Заступился он, значит, за девчонку из соседнего села, трое заезжих шабашников потешиться над ней хотели, а он, хоть и один, да и молод больно, восемнадцать только исполнилось, драться с ними затеял. Ну, один из них, когда Олег уже двоих к земле крепко приложил, и ножичком его достал. Но ничего, он еще и тому, что с ножиком был, руку сломал, и своим ходом к фельдшерице нашей, Вере Игнатьевне, пришел. В лице кровинушки нет, а сам улыбается, говорит: «Заштопать меня можете? Только мамке не говорите». А как тут не говорить, если его сразу же в район, в больницу. Выжил. Правда, отсрочку дали на полгодика от армии, но оно и понятно. Долго потом в милиции выясняли: кто виноват, да как дело было. Чуть Олега и не засудили. Но продала Полина коровушку, и все сразу прояснилось, как потом говорили, по примирению сторон. «Да бог с ней, с коровой, - говорила Полина, - еще наживем хозяйство. Главное, что сыночка не засудили».

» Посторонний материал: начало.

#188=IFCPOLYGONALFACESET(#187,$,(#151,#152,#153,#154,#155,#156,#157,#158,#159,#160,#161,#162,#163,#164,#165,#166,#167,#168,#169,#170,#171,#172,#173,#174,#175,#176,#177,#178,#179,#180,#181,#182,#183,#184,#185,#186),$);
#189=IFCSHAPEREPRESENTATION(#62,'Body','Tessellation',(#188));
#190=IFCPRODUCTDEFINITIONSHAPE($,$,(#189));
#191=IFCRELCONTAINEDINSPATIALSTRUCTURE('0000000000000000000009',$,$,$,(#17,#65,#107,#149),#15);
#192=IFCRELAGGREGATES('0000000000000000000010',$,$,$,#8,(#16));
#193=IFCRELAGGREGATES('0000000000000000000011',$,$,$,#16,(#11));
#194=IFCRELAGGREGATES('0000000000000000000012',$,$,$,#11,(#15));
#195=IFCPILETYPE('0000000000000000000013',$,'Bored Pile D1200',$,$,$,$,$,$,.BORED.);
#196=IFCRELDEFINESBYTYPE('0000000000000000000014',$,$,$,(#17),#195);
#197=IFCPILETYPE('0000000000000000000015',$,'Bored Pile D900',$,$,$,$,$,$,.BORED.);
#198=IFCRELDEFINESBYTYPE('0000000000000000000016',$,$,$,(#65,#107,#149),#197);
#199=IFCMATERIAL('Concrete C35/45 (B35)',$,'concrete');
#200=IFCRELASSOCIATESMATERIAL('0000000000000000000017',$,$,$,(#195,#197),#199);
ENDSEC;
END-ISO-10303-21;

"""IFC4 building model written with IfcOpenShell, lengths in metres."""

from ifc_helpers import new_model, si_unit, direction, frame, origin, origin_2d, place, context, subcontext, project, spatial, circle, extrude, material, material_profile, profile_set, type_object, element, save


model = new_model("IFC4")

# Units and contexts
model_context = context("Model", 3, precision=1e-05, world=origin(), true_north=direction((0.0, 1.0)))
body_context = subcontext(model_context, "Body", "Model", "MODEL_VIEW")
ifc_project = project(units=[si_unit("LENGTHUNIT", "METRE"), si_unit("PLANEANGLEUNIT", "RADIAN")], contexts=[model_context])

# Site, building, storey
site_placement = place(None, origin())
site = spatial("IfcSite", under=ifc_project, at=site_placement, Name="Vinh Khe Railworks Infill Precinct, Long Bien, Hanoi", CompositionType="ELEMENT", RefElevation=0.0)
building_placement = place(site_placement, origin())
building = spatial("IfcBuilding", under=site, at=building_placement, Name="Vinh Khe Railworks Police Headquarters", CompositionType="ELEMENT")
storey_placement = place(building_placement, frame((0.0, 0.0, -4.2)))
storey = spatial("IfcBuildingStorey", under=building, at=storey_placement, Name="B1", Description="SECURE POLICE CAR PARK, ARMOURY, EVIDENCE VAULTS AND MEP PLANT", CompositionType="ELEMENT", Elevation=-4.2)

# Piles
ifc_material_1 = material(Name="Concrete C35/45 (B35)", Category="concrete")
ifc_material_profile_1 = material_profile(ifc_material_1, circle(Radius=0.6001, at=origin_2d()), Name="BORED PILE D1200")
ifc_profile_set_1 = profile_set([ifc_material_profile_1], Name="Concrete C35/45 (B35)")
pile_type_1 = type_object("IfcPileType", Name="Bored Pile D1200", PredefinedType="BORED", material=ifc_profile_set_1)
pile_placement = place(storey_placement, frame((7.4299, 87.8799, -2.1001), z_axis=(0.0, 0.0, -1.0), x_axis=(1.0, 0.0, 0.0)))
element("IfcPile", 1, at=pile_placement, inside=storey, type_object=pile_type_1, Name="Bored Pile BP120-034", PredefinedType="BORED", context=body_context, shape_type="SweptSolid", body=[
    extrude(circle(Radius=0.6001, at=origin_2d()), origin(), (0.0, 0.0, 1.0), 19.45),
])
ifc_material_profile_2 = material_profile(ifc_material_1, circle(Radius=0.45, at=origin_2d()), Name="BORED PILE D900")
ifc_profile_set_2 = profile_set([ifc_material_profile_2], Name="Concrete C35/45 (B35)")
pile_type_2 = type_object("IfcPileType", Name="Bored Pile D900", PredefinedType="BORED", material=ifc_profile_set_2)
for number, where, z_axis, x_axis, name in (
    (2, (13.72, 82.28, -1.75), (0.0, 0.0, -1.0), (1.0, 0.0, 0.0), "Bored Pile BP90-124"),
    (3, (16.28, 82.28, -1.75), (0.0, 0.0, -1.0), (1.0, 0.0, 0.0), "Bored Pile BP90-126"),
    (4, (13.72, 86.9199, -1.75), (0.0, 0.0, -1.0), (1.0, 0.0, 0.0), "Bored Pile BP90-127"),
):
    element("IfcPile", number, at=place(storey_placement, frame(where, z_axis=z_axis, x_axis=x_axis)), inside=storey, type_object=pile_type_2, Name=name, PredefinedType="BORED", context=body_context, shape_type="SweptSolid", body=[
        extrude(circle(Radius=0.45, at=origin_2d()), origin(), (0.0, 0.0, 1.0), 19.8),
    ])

А Олег не угомонился, аккурат отсрочка кончилась, ему на комиссию идти, а он опять в драку какую-то влез. И ему голову проломили, не шибко сильно, но опять на полгода отсрочка от армии ему вышла. Тут, правда, милиция ничего не заводила. Как его там? Дело, что ли? А потом Олег всё же пошел в армию. Писал, что в десантники взяли. В Бакинском военном округе службу проходит.
А вот старший Полинин сын, Андрей, тот тихий, не в драку, не в пьянку, всё по дому, да с книгой сидел, хорошо учился. Как Олег год отслужил, так что-то редко от него письма приходить стали, а то часто и подробно писал. Собрался Андрей и уехал в город поступать учиться. Вот удивил всех нас, когда приехал в военной форме с погонами, а на погонах звездочки, офицер, значит. «Танкистом,- говорит, - службу прохожу». Матери радость, девкам суматоха. Погостил и дальше служить уехал. А когда уезжал, у дома еще одну яблоню посадил. Одну, значит, Василий посадил, а рядом, как в армию шел, Олег свое деревце посадил, ну а потом, значит, и Андрей. С тем и отбыл в далекие края.

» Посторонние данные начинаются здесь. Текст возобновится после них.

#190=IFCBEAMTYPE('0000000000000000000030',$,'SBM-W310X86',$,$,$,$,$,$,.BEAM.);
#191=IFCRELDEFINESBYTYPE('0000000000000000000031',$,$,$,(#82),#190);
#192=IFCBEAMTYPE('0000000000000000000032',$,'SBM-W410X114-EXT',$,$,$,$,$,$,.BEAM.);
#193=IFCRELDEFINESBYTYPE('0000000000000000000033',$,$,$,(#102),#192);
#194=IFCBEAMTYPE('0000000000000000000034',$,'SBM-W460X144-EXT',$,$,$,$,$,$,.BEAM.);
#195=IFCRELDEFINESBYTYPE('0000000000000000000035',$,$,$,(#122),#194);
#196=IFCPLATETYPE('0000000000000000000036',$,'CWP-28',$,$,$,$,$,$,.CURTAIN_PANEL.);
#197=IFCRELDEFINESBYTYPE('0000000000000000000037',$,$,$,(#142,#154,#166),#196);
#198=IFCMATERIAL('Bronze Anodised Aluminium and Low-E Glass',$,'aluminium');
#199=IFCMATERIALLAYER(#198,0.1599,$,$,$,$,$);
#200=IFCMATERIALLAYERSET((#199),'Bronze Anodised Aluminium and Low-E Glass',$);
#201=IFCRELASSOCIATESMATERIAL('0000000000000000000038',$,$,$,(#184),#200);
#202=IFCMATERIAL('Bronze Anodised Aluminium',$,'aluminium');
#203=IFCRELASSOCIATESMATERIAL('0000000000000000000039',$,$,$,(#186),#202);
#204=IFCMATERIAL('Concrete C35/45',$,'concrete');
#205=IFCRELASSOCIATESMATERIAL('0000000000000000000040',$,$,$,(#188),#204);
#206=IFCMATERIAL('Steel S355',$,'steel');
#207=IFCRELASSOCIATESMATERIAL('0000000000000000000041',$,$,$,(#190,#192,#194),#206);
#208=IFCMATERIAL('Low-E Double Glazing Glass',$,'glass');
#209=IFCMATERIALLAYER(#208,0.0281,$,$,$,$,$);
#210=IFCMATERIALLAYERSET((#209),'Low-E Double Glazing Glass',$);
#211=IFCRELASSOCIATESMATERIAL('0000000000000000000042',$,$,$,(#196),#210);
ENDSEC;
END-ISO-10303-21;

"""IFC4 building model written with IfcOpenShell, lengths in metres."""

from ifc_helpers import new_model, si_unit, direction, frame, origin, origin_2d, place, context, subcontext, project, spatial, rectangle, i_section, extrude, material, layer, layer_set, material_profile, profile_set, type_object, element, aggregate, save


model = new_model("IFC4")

Время быстро бежит, пришел срок Олегу из армии возвращаться, а его нет. Зато из соседнего села парень, что с ним в армию забрали, пришел. Грудь в значках, форма ладная, гулял по селам, удаль свою хмельную выказывал. Вот и поведал он ребятам, да девчатам, что, значит, служили они с Олегом в одной части. А как год отслужили, так их округ расформировали. И их части передали Закавказскому военному округу. А тут, как известно, помощь интернациональную Афганистану мы оказывали. Ну и из их части человек двадцать написали рапорт, с просьбой отправить их для прохождения дальнейшей службы в Демократическую республику Афганистан. Конечно, и Олег среди этих ребят. Этот, что рассказывал, хмыкал при этом и говорил с ехидцой: «Интернационалисты, ядрено корень», - и громко смеялся. И трудно было понять, толи он их, интернационалистов этих, умней, считает, толи ему стыдно, что его среди них нет.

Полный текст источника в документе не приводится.